Título: Imprudência mata mais um ciclista
Autor: Lorenna Rodrigues
Fonte: Jornal do Brasil, 09/05/2005, Brasília, p. D6

Jovem, atropelado por caminhão, foi 10ª vítima deste ano

Um comboio de cerca de 50 bicicletas acompanhou o caixão do ciclista Robert Lopes Soares na tarde de ontem, no Cemitério Campo da Esperança. Revoltados, ciclistas, familiares e amigos de Robert ainda tentavam entender a violência do acidente que matou o servidor público no sábado de manhã. Ciclista amador, Robert saiu de sua casa em Águas Claras para treinar, às 7h de sábado. Equipado com capacete e roupas especiais, deixou a mulher, Maria Goret, grávida de cinco meses, com a promessa de que voltaria às 10h para que fossem juntos comprar o berço do bebê. Robert não voltou. Em Taguatinga, no Pistão Sul, o motorista de caminhão Joaquim José dos Santos Filho decidiu, repentinamente, mudar de trajeto. Não viu Robert, que pedalava no acostamento, no sentido da via, como recomendam as normas de trânsito.

Com o impacto, o ciclista caiu da bicicleta e foi atingido mais uma vez pelo caminhão. Robert morreu na hora. Seu corpo ficou de tal forma deformado que o velório teve que ser feito com o caixão lacrado. Joaquim fugiu do local a pé, alegando medo de ser linchado e ainda não se apresentou a polícia. Segundo a 12ª DP, que investiga o caso, já havia um mandado de prisão para ser cumprido contra Joaquim, que está foragido. Além da bebê, que é esperada para setembro, Robert deixa um filho do primeiro casamento, Pedro, de 11 anos.

Indignada, a engenheira Keila Bento, amiga da família tentava apoiar a mulher de Robert.
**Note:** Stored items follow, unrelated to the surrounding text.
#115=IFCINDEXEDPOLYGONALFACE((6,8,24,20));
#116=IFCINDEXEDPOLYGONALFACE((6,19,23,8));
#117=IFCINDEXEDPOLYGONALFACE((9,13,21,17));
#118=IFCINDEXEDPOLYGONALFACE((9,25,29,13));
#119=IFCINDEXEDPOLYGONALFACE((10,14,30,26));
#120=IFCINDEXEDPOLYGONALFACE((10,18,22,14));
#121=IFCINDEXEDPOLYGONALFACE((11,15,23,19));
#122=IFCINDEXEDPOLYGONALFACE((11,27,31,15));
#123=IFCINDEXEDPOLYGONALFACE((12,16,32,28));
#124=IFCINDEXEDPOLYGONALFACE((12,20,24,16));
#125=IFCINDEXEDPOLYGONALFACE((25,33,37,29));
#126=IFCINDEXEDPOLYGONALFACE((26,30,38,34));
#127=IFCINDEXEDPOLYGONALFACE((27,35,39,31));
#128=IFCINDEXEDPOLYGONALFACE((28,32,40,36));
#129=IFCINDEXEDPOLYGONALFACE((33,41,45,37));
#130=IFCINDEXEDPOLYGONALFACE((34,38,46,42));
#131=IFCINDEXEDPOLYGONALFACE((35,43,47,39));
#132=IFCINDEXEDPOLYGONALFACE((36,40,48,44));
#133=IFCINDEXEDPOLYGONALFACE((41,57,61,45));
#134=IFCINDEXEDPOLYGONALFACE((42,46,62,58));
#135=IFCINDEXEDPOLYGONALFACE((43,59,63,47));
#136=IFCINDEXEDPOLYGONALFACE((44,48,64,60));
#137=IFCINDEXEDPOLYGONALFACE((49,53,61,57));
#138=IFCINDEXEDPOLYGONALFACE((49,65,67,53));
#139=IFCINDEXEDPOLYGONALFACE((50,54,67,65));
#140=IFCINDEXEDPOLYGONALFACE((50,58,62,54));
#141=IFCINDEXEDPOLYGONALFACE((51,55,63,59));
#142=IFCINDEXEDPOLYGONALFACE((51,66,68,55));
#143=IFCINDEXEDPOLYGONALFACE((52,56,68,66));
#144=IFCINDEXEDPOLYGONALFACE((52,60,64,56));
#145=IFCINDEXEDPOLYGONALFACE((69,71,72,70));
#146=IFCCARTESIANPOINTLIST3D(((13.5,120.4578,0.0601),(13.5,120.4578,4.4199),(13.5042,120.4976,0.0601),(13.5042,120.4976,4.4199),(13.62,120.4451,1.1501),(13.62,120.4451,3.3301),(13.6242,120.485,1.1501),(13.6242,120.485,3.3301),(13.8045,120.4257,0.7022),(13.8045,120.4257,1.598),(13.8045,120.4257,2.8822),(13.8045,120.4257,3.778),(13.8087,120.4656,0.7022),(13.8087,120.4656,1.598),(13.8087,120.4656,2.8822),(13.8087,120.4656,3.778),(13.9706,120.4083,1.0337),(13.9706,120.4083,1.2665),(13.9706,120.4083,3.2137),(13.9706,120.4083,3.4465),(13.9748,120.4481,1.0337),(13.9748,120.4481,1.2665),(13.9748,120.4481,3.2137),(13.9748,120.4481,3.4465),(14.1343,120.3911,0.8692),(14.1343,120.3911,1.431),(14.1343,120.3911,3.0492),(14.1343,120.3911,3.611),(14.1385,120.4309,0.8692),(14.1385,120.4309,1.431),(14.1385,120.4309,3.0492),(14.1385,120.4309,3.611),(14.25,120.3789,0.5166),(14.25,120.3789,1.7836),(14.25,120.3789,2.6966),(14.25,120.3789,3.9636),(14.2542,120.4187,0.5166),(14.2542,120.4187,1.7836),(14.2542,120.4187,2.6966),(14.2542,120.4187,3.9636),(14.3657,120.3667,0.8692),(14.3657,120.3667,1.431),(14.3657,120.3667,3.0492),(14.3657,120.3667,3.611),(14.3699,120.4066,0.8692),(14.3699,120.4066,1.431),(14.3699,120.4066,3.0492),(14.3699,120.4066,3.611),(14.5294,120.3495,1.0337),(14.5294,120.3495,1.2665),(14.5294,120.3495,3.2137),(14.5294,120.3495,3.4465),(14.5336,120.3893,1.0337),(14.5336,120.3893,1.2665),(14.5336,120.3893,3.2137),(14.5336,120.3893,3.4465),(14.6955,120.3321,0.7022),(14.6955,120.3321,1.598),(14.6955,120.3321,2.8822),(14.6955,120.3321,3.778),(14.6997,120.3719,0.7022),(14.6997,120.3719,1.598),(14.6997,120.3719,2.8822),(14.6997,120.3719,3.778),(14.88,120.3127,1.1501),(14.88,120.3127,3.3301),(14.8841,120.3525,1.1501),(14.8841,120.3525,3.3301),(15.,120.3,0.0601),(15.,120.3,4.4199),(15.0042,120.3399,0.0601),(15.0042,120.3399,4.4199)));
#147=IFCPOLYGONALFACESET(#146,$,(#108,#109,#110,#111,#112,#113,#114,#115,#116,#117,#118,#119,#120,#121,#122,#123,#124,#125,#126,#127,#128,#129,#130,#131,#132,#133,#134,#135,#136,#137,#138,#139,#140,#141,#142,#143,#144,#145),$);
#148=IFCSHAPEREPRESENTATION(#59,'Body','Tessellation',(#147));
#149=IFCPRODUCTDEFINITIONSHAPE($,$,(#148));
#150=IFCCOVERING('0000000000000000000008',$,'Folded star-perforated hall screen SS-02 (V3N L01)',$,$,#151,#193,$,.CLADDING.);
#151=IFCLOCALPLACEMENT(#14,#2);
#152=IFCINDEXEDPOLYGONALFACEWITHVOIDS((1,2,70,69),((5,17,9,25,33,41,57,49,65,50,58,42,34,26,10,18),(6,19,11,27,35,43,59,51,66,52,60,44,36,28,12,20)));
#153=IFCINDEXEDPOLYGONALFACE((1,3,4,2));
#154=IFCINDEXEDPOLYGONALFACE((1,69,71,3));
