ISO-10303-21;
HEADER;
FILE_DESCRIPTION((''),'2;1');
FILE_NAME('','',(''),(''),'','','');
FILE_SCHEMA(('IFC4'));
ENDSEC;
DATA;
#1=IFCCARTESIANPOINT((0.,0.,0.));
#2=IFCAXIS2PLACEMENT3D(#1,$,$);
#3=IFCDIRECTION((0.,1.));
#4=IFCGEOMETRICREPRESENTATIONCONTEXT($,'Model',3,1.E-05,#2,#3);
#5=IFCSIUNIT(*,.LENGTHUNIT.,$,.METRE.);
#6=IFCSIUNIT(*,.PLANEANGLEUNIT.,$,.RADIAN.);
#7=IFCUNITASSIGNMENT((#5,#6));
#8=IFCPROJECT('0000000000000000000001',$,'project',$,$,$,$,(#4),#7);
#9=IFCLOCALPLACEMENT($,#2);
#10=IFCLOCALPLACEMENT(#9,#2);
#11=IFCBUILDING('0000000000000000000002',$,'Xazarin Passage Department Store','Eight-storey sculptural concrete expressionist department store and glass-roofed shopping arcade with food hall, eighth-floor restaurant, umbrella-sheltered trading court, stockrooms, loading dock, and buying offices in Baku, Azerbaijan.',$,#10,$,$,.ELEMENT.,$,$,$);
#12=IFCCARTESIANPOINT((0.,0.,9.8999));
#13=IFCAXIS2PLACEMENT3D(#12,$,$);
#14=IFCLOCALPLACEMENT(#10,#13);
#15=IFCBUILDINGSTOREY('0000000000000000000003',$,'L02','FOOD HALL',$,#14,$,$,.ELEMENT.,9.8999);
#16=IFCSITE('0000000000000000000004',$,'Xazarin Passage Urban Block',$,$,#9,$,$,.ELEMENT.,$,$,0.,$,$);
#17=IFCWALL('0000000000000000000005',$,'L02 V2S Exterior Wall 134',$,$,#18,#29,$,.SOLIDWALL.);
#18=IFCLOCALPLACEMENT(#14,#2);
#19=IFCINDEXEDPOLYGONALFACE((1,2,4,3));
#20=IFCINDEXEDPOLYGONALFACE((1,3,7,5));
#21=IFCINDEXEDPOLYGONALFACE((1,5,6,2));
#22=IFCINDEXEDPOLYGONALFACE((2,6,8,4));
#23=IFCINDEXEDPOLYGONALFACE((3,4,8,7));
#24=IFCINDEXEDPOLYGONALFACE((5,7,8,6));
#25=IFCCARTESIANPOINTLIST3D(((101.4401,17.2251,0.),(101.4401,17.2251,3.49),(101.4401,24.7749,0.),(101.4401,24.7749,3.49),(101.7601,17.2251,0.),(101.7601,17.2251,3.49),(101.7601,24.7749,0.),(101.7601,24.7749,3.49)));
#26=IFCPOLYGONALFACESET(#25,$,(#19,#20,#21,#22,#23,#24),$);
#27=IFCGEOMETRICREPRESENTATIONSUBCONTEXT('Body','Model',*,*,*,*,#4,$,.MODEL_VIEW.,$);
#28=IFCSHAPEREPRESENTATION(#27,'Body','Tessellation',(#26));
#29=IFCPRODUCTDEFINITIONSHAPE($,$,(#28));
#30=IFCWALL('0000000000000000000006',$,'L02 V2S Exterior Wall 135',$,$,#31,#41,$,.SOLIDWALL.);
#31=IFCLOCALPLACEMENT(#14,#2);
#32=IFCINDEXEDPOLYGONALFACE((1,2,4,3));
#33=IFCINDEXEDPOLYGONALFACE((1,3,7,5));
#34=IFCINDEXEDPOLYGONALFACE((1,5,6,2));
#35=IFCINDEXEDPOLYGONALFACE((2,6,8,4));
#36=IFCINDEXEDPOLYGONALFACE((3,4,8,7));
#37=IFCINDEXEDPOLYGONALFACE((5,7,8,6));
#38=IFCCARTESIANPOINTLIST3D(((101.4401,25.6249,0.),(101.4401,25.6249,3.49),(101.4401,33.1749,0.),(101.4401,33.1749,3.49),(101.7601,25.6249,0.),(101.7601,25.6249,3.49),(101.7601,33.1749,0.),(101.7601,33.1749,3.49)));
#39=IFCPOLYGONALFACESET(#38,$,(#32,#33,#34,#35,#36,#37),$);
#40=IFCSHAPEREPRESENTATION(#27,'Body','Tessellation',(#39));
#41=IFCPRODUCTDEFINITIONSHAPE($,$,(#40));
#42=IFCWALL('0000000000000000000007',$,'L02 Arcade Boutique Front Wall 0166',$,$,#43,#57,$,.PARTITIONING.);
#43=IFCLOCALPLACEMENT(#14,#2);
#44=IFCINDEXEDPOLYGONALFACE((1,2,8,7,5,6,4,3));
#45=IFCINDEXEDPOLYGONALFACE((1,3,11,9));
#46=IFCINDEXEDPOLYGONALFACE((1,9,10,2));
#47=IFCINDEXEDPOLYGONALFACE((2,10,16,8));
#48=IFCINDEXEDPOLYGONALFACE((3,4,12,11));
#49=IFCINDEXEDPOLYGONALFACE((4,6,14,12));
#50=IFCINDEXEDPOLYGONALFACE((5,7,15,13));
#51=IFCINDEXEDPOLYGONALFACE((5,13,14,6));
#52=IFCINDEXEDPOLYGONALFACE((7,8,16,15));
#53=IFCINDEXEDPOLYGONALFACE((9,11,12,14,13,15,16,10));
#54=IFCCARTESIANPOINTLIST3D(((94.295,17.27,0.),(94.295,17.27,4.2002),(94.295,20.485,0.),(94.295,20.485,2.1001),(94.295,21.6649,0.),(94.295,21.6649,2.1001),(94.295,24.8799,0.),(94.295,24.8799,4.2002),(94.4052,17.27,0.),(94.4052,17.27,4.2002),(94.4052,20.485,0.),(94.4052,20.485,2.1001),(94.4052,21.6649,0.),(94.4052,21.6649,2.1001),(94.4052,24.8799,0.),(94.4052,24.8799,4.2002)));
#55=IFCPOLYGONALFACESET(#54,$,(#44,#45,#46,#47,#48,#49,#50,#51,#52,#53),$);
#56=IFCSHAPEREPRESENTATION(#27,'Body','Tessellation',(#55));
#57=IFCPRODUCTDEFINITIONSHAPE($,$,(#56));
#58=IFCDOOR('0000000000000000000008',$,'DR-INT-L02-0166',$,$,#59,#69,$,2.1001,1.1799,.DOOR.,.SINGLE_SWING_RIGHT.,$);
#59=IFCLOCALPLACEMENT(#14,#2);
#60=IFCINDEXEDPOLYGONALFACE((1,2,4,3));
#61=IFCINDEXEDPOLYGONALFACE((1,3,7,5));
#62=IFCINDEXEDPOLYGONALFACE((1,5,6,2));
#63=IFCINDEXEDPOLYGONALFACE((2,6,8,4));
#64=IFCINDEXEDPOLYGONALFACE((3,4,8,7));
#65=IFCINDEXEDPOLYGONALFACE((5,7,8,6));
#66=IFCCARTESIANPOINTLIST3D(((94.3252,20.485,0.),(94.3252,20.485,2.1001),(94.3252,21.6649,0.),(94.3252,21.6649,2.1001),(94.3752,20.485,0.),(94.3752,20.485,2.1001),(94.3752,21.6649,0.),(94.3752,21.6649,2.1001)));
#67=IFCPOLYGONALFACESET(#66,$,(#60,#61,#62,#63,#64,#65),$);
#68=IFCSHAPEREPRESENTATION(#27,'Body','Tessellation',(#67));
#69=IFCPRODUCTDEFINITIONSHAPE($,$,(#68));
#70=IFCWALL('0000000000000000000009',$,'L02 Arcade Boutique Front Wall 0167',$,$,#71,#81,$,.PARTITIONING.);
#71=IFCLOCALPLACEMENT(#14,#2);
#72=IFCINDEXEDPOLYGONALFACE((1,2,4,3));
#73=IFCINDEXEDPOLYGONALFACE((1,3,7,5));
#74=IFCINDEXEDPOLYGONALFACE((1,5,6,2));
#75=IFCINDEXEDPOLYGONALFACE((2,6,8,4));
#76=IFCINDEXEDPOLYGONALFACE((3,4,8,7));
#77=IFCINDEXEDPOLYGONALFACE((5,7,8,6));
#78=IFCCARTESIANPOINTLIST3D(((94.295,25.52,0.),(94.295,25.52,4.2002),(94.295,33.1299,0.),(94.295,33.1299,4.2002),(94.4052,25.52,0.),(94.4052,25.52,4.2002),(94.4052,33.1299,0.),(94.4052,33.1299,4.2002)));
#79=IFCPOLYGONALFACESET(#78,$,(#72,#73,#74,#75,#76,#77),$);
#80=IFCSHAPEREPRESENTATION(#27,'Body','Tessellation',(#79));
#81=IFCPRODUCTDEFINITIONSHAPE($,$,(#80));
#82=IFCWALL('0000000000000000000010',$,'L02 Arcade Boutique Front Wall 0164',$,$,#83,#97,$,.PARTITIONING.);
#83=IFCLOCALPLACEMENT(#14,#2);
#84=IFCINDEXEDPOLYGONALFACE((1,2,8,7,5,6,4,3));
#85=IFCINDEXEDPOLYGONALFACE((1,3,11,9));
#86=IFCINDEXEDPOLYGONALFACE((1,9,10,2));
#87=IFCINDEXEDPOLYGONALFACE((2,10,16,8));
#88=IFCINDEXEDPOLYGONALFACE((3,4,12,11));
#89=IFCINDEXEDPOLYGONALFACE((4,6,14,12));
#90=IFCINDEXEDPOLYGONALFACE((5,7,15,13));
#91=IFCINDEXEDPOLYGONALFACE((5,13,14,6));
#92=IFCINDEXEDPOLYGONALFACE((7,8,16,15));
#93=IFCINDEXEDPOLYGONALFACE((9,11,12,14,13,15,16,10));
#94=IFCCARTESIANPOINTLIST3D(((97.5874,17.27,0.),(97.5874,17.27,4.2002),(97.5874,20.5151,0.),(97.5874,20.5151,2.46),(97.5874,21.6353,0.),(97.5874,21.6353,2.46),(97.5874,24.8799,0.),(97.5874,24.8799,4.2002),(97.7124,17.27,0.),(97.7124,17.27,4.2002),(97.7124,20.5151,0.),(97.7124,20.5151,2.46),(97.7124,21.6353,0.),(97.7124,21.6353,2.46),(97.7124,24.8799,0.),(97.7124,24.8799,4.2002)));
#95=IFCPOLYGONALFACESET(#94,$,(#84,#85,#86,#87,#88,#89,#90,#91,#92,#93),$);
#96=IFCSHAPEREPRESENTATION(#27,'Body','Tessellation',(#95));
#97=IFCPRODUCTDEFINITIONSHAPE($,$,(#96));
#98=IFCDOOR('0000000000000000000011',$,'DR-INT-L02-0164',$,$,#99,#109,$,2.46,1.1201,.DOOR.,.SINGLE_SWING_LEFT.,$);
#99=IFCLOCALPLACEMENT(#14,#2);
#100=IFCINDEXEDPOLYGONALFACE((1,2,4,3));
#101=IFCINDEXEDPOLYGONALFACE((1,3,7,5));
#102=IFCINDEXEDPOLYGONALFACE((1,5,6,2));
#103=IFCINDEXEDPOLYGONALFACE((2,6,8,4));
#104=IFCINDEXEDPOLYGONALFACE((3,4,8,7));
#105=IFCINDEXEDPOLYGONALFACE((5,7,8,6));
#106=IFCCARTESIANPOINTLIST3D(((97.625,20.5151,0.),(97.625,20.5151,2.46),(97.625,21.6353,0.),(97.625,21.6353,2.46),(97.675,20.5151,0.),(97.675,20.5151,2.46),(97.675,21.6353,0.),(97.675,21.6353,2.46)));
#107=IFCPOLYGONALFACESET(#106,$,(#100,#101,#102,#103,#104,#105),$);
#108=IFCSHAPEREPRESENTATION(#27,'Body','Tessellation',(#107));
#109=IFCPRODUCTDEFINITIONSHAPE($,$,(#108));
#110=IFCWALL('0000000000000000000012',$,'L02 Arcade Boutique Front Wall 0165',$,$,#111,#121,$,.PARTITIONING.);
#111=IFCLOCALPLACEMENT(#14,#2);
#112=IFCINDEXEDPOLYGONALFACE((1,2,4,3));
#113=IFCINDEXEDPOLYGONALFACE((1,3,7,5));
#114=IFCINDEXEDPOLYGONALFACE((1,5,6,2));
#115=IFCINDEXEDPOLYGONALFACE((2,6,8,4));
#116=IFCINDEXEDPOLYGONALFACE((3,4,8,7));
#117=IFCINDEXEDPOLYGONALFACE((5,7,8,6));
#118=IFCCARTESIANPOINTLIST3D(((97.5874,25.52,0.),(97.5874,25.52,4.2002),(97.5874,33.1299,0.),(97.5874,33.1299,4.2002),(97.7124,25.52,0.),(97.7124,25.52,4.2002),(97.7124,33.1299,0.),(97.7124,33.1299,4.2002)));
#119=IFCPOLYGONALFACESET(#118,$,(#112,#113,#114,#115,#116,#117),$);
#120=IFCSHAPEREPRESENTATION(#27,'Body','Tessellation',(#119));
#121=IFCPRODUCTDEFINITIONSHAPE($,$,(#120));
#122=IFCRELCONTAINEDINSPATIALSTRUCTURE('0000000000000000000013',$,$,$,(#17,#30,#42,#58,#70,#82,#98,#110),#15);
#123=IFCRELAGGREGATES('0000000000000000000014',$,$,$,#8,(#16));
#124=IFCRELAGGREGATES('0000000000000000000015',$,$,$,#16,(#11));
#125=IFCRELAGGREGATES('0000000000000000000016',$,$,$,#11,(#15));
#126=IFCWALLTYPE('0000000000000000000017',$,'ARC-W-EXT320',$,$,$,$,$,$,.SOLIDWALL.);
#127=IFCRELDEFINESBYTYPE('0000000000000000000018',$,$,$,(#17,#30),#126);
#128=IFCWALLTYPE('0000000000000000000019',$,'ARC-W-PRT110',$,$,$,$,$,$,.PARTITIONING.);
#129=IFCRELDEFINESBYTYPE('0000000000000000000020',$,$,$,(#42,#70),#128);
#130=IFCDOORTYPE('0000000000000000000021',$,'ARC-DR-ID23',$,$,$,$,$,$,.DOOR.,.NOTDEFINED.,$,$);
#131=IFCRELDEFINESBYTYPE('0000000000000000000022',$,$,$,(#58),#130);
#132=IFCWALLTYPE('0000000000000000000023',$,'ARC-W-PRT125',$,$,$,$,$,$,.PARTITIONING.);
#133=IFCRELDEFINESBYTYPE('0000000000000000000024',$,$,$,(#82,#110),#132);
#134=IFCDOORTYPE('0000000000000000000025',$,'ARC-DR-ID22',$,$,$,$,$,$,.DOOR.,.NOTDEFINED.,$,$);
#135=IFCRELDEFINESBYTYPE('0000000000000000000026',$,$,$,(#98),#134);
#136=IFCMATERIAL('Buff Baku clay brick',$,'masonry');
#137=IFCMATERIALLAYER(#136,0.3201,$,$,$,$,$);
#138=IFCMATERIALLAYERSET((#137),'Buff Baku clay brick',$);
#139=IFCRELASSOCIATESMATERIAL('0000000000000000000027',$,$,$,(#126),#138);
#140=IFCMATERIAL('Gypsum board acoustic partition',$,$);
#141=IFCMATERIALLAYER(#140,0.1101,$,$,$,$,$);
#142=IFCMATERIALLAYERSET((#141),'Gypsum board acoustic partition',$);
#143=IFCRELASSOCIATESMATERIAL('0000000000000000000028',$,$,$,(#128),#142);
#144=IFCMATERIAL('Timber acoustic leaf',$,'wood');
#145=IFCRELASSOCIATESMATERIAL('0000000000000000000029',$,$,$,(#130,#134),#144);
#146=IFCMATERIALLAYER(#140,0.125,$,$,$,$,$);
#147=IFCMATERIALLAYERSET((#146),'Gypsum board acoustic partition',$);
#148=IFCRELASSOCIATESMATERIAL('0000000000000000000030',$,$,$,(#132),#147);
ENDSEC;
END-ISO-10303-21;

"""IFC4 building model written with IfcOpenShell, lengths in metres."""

from ifc_helpers import new_model, si_unit, direction, frame, frame_2d, origin, place, context, subcontext, project, spatial, rectangle, extrude, material, layer, layer_set, type_object, element, fill, save


model = new_model("IFC4")

# Units and contexts
model_context = context("Model", 3, precision=1e-05, world=origin(), true_north=direction((0.0, 1.0)))
body_context = subcontext(model_context, "Body", "Model", "MODEL_VIEW")
ifc_project = project(units=[si_unit("LENGTHUNIT", "METRE"), si_unit("PLANEANGLEUNIT", "RADIAN")], contexts=[model_context])

# Site, building, storey
site_placement = place(None, origin())
site = spatial("IfcSite", under=ifc_project, at=site_placement, Name="Xazarin Passage Urban Block", CompositionType="ELEMENT", RefElevation=0.0)
building_placement = place(site_placement, origin())
building = spatial("IfcBuilding", under=site, at=building_placement, Name="Xazarin Passage Department Store", Description="Eight-storey sculptural concrete expressionist department store and glass-roofed shopping arcade with food hall, eighth-floor restaurant, umbrella-sheltered trading court, stockrooms, loading dock, and buying offices in Baku, Azerbaijan.", CompositionType="ELEMENT")
storey_placement = place(building_placement, frame((0.0, 0.0, 9.8999)))
storey = spatial("IfcBuildingStorey", under=building, at=storey_placement, Name="L02", Description="FOOD HALL", CompositionType="ELEMENT", Elevation=9.8999)

# Walls
ifc_material_1 = material(Name="Buff Baku clay brick", Category="masonry")
ifc_layer_1 = layer(ifc_material_1, 0.3201)
ifc_layer_set_1 = layer_set([ifc_layer_1], Name="Buff Baku clay brick")
wall_type_1 = type_object("IfcWallType", Name="ARC-W-EXT320", PredefinedType="SOLIDWALL", material=ifc_layer_set_1)
wall_1_placement = place(storey_placement, frame((101.6001, 17.2251, 0.0), z_axis=(0.0, 0.0, 1.0), x_axis=(0.0, 1.0, 0.0)))
element("IfcWall", 1, at=wall_1_placement, inside=storey, type_object=wall_type_1, Name="L02 V2S Exterior Wall 134", PredefinedType="SOLIDWALL", context=body_context, shape_type="SweptSolid", body=[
- Ele era uma pessoa de bem com a vida, preocupada com a saúde. Eles planejaram a chegada desse filho e estavam muito felizes com a gravidez - afirma.

Durante o velório, os ciclistas da ONG Rodas da Paz entregaram uma carta manifesto, que será enviada ao Detran e a outros órgãos públicos hoje. A carta fala da indignação dos ciclistas diante da imprudência de motoristas.

- A população está amedrontada. Uma pessoa totalmente equipada, andando como manda a lei foi vítima da imprudência. Já morreu ciclista demais no DF, é absurdo - aponta Leandro Salim, presidente da Rodas da Paz.

Nos últimos 10 anos, 538 ciclistas morreram no DF. Só neste ano, foram 10 mortes.